Projection Conventions
The Science on a Sphere (SOS) exhibit was originally designed to show
the Earth and various other planets, which are easily represented as spheres
we view from the outside. When using the Science on a Sphere to
represent the sky, one has to pick some nontrivial visualization
conventions. This is because it is much more natural to think of the
sky as a sphere that we view from the inside.
One possible approach is to map the sky onto the sphere as directly as
possible. When we look in some direction on the sky, we can specify
that direction as a vector, and color the sphere at the tip of that
vector according to what we see. This means that the sky would look
correct when viewed from the center of the sphere. However, when
viewed from outside the sphere, all of the features on the sky
(constellations, for example) would appear to be backwards---mirror
images of how we usually see them.
To rectify this problem, one can do a parity transform of the
projection.
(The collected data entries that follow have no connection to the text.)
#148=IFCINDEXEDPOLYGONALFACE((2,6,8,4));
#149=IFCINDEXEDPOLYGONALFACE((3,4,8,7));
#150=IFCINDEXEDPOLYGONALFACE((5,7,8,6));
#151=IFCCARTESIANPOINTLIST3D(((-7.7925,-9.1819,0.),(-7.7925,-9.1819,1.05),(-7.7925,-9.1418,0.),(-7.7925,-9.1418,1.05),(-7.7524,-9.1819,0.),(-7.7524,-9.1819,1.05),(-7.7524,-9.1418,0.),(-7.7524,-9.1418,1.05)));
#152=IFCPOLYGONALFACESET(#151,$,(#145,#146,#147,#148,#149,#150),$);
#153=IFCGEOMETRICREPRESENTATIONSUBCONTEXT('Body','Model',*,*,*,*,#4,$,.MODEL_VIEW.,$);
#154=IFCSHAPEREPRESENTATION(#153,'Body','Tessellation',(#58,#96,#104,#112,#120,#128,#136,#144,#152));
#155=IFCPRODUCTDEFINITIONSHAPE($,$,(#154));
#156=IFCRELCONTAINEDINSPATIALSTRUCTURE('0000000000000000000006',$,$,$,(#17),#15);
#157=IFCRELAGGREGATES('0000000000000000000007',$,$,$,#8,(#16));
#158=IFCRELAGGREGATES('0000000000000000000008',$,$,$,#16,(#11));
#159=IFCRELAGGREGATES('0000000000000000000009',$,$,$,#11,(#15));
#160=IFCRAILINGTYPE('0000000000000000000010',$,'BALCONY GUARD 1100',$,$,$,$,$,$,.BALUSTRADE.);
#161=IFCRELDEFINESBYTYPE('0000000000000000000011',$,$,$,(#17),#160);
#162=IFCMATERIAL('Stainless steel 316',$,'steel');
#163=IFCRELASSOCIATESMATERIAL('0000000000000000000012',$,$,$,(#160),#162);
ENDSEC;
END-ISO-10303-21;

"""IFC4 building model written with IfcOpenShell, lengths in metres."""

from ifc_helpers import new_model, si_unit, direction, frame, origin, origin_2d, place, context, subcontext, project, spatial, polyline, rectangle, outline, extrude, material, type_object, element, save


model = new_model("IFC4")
This can be thought of as mapping each point on the
sphere to the point directly opposite (and then doing some rotations
so the North Pole is on top again, if desired). This will turn the
constellations right side out, for a viewer outside the sphere,
although it becomes slightly more difficult to explain how the image on the
sphere corresponds to the visible sky.
The Science on a Sphere images here use this convention, where the
constellations are right-side-out when seen from the outside. Note
that if the other convention is desired, this can be achieved by
flipping the images left-to-right in an image editing program.
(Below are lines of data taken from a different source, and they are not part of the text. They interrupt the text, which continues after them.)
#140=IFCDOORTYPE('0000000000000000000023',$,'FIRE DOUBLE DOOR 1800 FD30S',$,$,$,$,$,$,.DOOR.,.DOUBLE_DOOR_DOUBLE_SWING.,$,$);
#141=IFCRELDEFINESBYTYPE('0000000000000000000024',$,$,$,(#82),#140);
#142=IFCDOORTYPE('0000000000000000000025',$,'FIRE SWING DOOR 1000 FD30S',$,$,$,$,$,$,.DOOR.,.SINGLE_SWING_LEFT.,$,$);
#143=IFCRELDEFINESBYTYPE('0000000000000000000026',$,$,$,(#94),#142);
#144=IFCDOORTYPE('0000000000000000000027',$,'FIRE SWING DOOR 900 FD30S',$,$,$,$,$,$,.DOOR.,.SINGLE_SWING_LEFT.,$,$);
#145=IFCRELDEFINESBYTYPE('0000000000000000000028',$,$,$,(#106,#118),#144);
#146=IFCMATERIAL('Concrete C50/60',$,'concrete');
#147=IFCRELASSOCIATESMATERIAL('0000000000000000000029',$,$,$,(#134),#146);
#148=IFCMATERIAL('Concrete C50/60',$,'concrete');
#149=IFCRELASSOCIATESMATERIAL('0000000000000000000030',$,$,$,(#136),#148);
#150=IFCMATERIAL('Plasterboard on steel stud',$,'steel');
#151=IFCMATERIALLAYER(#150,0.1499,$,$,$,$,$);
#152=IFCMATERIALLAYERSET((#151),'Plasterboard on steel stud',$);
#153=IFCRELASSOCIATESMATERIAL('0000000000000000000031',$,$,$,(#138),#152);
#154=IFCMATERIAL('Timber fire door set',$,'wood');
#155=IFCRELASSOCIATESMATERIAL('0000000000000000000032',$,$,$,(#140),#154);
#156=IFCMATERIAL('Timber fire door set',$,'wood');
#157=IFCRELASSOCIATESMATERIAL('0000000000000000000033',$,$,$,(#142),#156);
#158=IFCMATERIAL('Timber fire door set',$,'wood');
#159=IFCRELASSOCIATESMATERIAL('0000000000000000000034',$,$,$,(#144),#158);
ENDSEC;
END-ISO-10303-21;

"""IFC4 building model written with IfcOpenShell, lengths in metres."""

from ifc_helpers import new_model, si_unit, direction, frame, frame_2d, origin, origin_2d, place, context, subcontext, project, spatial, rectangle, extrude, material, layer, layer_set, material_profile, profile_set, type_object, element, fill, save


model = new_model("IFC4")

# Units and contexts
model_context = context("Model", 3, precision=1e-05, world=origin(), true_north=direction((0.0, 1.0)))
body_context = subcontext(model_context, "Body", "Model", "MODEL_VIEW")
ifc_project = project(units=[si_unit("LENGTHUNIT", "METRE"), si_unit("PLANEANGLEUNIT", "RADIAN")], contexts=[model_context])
The Science on a Sphere projection is a simple latitude-longitude
grid, also known as an Equatorial Cylindrical Equidistant projection
(ECE). See the SOS web site for details and sample images:
http://sos.noaa.gov/index.html
The images projected here have the galactic center in the center of
the image. The Galactic North pole corresponds to the entire top edge
of the image, and the Galactic South pole corresponds to the entire
bottom edge of the image. The left and right edges have galactic
longitude l=180 degrees. This orientation was chosen because the
galactic center is usually the most recognizable, and so it was
put in the center of the rectangular image.